Geplaatst: 11 aug 2007 05:24 pm
DIDO, NA HET VERTREK VAN AENEAS
Ik zoek een gevolg van deze mijn oorzaak
ik zie er geen. De zomer is spoorloos -
warme pruimen lui in hun bomen, kussen
zoet als tomaten, vissen in zee spartelend
als sperma. Zijn ogen zagen mijn hart
de toekomst spoelde ons lachend aan land.
's Nachts zochten zijn handen mijn huid
steeds weer barstte de maan van volheid
kromp dan, en verdween.
De weg van mijn verwachting was lang, ik ging hem
traag tot stilstand in de schaduw, tot uitzicht terug
naar beneden waar uit de haven de schepen gleden
naar een andere kust, als vogels naar een andere zomer.
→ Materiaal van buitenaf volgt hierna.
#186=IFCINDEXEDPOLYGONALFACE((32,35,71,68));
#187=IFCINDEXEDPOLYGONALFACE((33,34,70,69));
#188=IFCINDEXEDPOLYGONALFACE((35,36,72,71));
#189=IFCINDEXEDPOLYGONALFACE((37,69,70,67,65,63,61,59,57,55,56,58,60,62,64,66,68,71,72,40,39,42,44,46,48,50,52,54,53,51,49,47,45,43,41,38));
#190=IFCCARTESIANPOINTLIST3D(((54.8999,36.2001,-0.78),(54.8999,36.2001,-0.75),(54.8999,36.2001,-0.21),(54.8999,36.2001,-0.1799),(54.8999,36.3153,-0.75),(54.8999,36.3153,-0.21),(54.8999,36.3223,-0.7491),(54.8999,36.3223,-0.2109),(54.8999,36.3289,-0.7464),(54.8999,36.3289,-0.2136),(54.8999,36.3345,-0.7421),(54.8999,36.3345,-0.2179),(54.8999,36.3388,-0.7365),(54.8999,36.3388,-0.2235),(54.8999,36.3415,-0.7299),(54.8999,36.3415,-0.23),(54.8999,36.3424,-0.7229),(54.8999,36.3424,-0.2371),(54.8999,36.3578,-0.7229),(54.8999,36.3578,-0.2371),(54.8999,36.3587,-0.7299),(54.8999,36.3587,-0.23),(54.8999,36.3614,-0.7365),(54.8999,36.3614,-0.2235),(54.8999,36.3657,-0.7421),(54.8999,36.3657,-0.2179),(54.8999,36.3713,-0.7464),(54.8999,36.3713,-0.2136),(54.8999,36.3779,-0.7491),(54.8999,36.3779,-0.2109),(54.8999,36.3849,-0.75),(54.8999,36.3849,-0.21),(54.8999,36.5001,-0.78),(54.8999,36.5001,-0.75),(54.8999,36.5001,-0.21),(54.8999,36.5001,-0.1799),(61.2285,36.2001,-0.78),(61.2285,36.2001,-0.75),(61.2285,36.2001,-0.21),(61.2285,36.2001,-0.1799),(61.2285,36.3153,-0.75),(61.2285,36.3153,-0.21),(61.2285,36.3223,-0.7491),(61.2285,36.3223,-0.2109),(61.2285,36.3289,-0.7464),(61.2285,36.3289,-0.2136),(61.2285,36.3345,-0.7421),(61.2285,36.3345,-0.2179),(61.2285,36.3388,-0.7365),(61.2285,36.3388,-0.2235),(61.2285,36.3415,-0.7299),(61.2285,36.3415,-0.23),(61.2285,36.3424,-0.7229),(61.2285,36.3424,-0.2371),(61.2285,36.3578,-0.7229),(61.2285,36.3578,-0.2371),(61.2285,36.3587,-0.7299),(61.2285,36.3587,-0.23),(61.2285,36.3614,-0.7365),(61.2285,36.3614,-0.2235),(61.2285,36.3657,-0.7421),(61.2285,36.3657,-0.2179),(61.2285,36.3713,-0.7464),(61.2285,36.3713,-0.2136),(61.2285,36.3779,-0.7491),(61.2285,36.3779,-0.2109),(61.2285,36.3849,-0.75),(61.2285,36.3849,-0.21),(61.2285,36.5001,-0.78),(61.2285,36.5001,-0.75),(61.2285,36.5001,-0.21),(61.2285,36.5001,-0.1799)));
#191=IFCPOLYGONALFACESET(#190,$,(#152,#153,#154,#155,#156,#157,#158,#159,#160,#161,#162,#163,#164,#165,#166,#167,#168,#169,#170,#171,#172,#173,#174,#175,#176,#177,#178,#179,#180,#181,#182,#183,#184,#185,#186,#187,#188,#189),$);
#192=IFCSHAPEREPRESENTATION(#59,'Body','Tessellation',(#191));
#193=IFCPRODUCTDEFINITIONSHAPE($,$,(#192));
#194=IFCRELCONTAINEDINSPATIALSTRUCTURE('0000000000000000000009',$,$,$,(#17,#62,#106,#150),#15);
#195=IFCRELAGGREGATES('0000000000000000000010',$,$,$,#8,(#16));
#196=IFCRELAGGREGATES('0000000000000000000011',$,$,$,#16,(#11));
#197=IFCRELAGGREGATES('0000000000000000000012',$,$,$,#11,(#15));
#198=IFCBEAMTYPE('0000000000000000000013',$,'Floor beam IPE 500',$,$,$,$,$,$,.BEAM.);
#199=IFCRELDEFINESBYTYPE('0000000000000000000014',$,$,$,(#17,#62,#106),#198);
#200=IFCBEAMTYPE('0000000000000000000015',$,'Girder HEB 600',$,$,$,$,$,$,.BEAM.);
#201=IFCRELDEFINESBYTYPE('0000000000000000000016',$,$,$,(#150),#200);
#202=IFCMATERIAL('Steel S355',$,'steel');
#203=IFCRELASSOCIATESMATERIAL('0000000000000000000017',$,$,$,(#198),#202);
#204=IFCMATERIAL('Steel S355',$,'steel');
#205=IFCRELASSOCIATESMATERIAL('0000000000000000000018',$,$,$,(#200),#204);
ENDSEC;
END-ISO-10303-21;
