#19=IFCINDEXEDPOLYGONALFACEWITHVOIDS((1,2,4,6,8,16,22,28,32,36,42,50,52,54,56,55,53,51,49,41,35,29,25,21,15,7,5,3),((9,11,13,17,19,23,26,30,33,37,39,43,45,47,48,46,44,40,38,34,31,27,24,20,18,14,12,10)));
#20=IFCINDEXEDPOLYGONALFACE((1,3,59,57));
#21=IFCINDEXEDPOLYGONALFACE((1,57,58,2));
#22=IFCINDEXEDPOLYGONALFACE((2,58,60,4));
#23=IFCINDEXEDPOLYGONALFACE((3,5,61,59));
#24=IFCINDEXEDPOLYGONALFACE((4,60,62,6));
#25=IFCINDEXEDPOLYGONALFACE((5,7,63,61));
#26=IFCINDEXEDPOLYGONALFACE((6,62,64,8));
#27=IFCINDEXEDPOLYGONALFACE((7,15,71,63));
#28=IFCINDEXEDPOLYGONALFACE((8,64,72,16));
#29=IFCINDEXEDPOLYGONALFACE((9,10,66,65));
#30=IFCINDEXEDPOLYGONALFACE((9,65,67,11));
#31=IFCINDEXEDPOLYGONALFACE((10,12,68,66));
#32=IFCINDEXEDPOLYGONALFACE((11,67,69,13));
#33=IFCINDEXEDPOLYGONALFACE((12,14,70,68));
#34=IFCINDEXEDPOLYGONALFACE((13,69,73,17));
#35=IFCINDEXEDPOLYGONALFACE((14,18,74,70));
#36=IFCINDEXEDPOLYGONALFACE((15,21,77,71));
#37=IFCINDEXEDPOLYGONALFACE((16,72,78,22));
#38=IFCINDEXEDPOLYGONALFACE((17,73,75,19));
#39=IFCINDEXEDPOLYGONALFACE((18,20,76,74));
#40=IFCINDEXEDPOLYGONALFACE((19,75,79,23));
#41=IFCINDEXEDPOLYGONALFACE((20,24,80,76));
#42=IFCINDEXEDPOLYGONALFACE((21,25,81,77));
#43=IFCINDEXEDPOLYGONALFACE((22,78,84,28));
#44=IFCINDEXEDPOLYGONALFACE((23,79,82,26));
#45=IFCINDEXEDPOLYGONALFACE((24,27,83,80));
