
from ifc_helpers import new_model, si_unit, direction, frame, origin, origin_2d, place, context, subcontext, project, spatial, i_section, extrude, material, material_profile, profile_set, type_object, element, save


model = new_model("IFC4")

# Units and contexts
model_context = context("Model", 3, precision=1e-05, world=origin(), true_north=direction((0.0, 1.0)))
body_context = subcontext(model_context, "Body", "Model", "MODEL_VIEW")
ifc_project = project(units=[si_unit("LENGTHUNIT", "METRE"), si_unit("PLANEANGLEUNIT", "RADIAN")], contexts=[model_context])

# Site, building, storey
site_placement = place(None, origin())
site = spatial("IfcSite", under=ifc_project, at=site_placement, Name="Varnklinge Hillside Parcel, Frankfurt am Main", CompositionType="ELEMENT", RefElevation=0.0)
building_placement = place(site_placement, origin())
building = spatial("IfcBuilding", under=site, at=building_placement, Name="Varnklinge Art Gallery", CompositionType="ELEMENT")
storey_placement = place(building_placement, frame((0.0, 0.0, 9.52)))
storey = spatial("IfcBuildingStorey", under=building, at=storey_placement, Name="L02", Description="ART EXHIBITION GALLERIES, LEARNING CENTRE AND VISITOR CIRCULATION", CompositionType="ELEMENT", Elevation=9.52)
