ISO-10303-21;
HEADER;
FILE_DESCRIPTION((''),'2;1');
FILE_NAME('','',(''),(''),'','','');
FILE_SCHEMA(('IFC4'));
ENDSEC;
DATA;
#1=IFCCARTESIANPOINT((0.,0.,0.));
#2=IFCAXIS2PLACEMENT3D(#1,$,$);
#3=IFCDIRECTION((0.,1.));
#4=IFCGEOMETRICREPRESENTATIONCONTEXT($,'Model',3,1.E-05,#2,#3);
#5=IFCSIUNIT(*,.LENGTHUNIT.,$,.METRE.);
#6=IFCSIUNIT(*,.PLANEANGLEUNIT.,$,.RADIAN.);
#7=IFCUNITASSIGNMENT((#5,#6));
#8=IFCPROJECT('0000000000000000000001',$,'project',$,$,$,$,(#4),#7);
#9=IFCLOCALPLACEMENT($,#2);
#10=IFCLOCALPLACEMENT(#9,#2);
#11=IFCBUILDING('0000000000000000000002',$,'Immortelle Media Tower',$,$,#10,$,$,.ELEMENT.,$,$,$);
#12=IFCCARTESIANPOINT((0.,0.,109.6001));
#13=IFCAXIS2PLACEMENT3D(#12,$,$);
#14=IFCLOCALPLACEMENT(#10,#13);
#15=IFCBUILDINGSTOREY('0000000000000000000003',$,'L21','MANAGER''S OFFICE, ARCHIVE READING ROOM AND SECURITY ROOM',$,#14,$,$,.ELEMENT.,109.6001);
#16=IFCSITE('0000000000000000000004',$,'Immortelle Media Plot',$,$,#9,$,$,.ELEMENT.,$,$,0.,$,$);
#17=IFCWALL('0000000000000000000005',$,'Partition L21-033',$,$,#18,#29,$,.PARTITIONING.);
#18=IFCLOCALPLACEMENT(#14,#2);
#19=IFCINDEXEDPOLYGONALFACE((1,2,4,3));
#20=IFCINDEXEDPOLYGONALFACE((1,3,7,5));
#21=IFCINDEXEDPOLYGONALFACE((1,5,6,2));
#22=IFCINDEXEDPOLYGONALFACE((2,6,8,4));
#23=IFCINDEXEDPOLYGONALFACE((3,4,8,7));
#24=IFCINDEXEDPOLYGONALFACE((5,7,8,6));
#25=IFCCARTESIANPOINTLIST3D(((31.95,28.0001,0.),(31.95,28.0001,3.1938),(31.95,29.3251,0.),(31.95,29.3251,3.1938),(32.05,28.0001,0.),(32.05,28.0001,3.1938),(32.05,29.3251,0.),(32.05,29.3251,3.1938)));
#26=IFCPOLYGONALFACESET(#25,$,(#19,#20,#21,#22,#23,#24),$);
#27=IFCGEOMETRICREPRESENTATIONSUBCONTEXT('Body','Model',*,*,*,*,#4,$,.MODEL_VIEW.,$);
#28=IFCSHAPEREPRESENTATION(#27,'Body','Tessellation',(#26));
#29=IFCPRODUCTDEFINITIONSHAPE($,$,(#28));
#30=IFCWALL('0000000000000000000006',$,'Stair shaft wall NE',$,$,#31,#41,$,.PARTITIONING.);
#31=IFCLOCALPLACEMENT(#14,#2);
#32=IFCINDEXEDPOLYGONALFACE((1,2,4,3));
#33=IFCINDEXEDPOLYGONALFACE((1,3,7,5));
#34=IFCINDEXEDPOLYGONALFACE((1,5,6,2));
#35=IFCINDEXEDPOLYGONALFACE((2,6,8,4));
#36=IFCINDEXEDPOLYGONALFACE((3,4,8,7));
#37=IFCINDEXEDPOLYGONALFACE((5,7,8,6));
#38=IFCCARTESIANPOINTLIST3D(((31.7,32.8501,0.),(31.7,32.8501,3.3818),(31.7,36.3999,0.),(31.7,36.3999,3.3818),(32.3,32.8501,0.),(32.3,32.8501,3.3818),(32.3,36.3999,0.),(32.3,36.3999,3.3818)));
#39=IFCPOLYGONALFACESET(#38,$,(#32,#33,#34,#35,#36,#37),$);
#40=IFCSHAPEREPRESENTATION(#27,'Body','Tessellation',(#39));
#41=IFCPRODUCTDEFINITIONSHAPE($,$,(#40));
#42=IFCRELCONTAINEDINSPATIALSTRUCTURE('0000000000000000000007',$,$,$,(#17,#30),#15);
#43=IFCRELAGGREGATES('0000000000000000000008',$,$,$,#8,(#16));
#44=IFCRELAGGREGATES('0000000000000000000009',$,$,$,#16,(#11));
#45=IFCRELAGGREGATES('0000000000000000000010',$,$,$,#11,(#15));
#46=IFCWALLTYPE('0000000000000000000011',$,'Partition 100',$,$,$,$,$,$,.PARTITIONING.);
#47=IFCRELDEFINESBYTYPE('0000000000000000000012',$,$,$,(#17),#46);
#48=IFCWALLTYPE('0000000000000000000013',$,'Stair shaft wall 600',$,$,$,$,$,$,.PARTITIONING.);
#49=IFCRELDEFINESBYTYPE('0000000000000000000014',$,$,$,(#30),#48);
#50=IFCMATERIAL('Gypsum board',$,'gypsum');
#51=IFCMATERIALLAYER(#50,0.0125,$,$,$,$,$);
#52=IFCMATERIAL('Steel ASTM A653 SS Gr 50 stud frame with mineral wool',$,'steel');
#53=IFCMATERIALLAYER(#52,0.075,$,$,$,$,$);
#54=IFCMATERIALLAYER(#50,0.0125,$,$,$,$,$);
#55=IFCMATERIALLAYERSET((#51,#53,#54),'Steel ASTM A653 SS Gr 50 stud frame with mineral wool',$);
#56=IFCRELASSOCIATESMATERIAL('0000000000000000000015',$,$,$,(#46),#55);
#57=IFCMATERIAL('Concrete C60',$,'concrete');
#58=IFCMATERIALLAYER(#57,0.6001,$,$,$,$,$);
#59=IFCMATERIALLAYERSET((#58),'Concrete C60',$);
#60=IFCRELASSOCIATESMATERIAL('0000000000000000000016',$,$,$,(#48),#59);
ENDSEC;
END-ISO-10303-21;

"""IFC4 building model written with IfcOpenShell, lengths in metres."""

from ifc_helpers import new_model, si_unit, direction, frame, frame_2d, origin, place, context, subcontext, project, spatial, rectangle, extrude, material, layer, layer_set, type_object, element, save


model = new_model("IFC4")

# Units and contexts
model_context = context("Model", 3, precision=1e-05, world=origin(), true_north=direction((0.0, 1.0)))
body_context = subcontext(model_context, "Body", "Model", "MODEL_VIEW")
ifc_project = project(units=[si_unit("LENGTHUNIT", "METRE"), si_unit("PLANEANGLEUNIT", "RADIAN")], contexts=[model_context])

# Site, building, storey
site_placement = place(None, origin())
site = spatial("IfcSite", under=ifc_project, at=site_placement, Name="Immortelle Media Plot", CompositionType="ELEMENT", RefElevation=0.0)
building_placement = place(site_placement, origin())
building = spatial("IfcBuilding", under=site, at=building_placement, Name="Immortelle Media Tower", CompositionType="ELEMENT")
storey_placement = place(building_placement, frame((0.0, 0.0, 109.6001)))
storey = spatial("IfcBuildingStorey", under=building, at=storey_placement, Name="L21", Description="MANAGER'S OFFICE, ARCHIVE READING ROOM AND SECURITY ROOM", CompositionType="ELEMENT", Elevation=109.6001)

# Shared definitions
ifc_material_1 = material(Name="Steel ASTM A653 SS Gr 50 stud frame with mineral wool", Category="steel")

# Walls
ifc_material_2 = material(Name="Gypsum board", Category="gypsum")
ifc_layer_1 = layer(ifc_material_2, 0.0125)
ifc_layer_2 = layer(ifc_material_1, 0.075)
ifc_layer_3 = layer(ifc_material_2, 0.0125)
ifc_layer_set_1 = layer_set([ifc_layer_1, ifc_layer_2, ifc_layer_3], Name="Steel ASTM A653 SS Gr 50 stud frame with mineral wool")
wall_type_1 = type_object("IfcWallType", Name="Partition 100", PredefinedType="PARTITIONING", material=ifc_layer_set_1)
wall_1_placement = place(storey_placement, frame((32.0, 28.0, 0.0), z_axis=(0.0, 0.0, 1.0), x_axis=(0.0, 1.0, 0.0)))
element("IfcWall", 1, at=wall_1_placement, inside=storey, type_object=wall_type_1, Name="Partition L21-033", PredefinedType="PARTITIONING", context=body_context, shape_type="SweptSolid", body=[
    extrude(rectangle(XDim=1.325, YDim=0.1001, at=frame_2d((0.6626, 0.0))), origin(), (0.0, 0.0, 1.0), 3.1938),
])
ifc_material_3 = material(Name="Concrete C60", Category="concrete")
ifc_layer_4 = layer(ifc_material_3, 0.6001)
ifc_layer_set_2 = layer_set([ifc_layer_4], Name="Concrete C60")
wall_type_2 = type_object("IfcWallType", Name="Stair shaft wall 600", PredefinedType="PARTITIONING", material=ifc_layer_set_2)
wall_2_placement = place(storey_placement, frame((32.0, 32.8501, 0.0), z_axis=(0.0, 0.0, 1.0), x_axis=(0.0, 1.0, 0.0)))
element("IfcWall", 2, at=wall_2_placement, inside=storey, type_object=wall_type_2, Name="Stair shaft wall NE", PredefinedType="PARTITIONING", context=body_context, shape_type="SweptSolid", body=[
    extrude(rectangle(XDim=3.5498, YDim=0.6001, at=frame_2d((1.7749, 0.0))), origin(), (0.0, 0.0, 1.0), 3.3818),
])

save(model, "model.ifc")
Waarvoor ik bedoeld was weet ik niet, geen vraag
past op mijn antwoord. Het is najaar, de grond is hard
een kastanje verschrompelt in mijn zak. Meer niet.
Uit:
Zeehond graag (p. 22).
G.A. van Oorschot. Amsterdam. juni 2000 (2).
PS In het topic Raad de dichter had ik een fragment van dit gedicht geplaatst. Hier voor de liefhebbers het hele gedicht. Prachtig!